A media break refers to the transition of data between two systems without an automatic interface. Typical media breaks in manufacturing companies: Inspection results are exported as a PDF file and manually entered into the QMS. Production messages from the MES are imported daily into the ERP via an Excel file. Quality indicators are compiled manually from various systems and entered into reporting. Every media break costs time, generates errors and delays the ability to react to quality problems.
What data needs to be exchanged between MES and ERP for quality management?
The critical data flows between MES and ERP for quality management: ERP → MES: Production orders with quality specifications and inspection characteristics so that MES knows the correct tolerances. MES → ERP: Production messages with rejects, rework and quality status per component so that ERP can post correct stocks and costs. QMS → ERP: Complaint data for supplier evaluation, inspection results for incoming goods quality status. ERP → MES: Calibration status of test equipment so that MES blocks non-calibrated measuring equipment.
What does an MES/ERP integration cost?
The costs of an MES/ERP integration vary greatly depending on the scope, system complexity and integration strategy. As a rough guide for the initial integration of two systems (e.g. MES ↔ SAP): Implementation costs €30,000-150,000 depending on the number of data points, complexity of the transformation and quality of the master data. Ongoing costs for middleware and operation: €5,000-20,000 per year. The payback period is typically 12-24 months, calculated from time savings for manual transfer and improved response time to quality problems.
Which protocol is suitable for MES/ERP integration?
Two protocol classes have established themselves as the standard for MES/ERP integration: OPC-UA for connecting the machine level and the MES - the international industry standard for machine communication, secure, bidirectional, with a built-in semantic model. REST API for ERP-side integration - widely used, flexible, supported by all modern ERP systems (SAP, Microsoft Dynamics, Oracle, proALPHA).
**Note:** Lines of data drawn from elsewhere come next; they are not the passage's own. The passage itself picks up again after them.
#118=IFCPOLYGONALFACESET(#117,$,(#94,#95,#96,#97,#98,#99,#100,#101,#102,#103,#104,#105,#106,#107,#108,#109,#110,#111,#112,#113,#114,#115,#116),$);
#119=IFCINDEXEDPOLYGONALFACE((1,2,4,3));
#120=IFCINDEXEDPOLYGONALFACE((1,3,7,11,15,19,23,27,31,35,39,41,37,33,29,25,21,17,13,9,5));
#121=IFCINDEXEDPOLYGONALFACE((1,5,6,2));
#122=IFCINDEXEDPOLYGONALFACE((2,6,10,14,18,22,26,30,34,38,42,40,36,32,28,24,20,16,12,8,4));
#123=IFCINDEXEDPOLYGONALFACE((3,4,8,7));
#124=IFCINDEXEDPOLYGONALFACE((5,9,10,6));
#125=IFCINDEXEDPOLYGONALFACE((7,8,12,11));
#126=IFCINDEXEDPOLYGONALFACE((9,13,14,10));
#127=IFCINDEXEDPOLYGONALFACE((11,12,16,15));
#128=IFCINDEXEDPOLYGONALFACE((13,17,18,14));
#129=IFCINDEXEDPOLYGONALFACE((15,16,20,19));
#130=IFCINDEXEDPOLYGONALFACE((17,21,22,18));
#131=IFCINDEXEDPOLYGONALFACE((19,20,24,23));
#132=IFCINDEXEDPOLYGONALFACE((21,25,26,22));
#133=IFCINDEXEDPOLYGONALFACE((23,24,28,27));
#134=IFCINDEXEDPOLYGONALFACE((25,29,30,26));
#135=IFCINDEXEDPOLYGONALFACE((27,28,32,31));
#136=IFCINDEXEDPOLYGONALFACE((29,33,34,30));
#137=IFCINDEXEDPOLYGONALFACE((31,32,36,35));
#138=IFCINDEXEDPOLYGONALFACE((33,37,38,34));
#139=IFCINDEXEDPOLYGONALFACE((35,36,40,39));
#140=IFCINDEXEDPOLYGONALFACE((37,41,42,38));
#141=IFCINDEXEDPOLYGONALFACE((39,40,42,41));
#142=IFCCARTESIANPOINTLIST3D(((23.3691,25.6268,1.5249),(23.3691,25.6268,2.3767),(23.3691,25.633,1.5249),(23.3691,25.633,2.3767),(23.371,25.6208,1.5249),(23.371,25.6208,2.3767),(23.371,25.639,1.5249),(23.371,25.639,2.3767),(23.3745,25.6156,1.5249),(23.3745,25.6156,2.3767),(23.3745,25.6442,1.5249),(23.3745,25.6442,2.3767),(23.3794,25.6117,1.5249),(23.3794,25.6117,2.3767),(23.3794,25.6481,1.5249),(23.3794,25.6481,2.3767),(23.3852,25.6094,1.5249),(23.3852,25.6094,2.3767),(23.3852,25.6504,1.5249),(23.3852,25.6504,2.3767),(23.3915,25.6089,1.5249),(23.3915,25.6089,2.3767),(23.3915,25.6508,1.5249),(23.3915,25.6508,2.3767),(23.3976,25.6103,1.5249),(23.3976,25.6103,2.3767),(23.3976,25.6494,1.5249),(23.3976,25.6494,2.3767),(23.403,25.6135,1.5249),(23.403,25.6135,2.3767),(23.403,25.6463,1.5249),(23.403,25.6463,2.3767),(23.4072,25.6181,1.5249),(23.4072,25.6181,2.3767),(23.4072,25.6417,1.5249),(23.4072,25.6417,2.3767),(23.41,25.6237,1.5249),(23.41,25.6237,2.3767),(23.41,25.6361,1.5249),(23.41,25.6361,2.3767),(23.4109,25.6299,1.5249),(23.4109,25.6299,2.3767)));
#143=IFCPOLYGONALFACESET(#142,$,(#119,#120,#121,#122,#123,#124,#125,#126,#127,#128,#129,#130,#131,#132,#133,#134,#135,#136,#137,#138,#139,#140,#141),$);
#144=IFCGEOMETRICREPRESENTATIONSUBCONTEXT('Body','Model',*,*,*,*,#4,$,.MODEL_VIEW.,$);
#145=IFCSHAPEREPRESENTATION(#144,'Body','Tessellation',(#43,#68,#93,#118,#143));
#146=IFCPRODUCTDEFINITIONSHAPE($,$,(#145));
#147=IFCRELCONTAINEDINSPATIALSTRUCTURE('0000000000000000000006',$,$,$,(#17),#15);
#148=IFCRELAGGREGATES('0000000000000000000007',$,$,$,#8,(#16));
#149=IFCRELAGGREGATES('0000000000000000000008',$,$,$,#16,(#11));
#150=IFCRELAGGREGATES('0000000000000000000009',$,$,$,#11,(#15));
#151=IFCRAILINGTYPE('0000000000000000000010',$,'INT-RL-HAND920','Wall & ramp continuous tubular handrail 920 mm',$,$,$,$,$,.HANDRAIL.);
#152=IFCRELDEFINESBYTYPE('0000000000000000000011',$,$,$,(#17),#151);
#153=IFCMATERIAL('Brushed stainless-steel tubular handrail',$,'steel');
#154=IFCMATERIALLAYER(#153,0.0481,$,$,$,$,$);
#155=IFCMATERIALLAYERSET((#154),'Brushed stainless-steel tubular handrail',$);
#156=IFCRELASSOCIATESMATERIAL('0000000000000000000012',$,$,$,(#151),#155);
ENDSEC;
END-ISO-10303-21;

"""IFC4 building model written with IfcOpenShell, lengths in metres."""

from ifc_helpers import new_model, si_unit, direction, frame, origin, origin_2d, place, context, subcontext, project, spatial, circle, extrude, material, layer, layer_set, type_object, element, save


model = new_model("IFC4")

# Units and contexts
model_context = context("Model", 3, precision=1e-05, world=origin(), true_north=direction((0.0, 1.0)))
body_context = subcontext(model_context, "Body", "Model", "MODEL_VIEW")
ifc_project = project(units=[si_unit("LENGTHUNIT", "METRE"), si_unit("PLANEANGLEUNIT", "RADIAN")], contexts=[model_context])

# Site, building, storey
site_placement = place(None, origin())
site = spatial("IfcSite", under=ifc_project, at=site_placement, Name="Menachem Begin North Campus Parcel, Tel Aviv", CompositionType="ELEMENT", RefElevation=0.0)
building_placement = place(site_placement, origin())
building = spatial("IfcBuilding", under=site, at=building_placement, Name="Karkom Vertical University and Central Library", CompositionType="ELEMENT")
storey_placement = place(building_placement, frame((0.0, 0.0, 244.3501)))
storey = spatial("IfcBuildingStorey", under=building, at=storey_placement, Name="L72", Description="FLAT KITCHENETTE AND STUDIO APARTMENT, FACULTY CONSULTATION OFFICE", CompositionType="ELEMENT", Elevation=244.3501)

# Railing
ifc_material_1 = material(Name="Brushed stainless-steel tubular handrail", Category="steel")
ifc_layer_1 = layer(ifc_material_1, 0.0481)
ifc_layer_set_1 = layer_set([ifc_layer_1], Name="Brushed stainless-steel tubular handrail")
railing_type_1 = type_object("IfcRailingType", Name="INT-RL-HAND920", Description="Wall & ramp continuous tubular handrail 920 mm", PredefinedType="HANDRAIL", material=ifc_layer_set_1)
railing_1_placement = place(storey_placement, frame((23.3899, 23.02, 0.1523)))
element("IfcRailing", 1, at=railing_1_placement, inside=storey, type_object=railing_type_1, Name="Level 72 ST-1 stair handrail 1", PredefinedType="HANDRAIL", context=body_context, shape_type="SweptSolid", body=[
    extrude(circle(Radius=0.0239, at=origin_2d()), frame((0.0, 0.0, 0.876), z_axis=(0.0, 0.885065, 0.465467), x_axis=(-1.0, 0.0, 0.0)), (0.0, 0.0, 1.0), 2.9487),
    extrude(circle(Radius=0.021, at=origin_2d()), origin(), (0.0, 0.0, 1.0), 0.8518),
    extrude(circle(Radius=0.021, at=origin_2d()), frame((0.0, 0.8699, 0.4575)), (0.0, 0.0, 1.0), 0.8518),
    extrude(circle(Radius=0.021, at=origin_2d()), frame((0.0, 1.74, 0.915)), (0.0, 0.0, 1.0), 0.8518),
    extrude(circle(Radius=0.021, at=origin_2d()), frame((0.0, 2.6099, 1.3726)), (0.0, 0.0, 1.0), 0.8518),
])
Outdated protocols such as direct database integration or file import can be tolerated as a temporary solution, but are not a reliable long-term architecture.
Why do MES/ERP integration projects often fail?
The three most common causes of failed integration projects: Firstly, poor master data quality - if number ranges, versions and definitions do not match between the systems, the interface transfers incorrect data. Secondly, lack of departmental involvement - integration is treated as an IT-only project without quality management and production having defined the data requirements. Thirdly, a big-bang approach - integrating all systems at the same time overtaxes resources and risk management. The solution: master data audit first, pilot integration of a data flow, gradual scaling.
What is the difference between MES/ERP integration and a unified platform?
With MES/ERP integration, the existing systems are retained and connected via interfaces. Data is synchronized between systems - there is no common database, but several synchronized copies. With a unified platform, all systems share a common database. There are no synchronization problems because all systems access the same data set. The unified platform offers the highest data consistency and simplest analysis in the long term, but requires considerable migration and implementation effort.
How long does an MES/ERP integration take?
A pilot integration of a single data flow (e.g. production order ERP → MES) typically takes 6-12 weeks from project start to go-live - provided that the master data is clean and the scope is clearly defined. The complete integration of all relevant data flows between MES, ERP and QMS typically takes 6-18 months, depending on the number of systems, the master data quality and the parallelism of the implementation phases.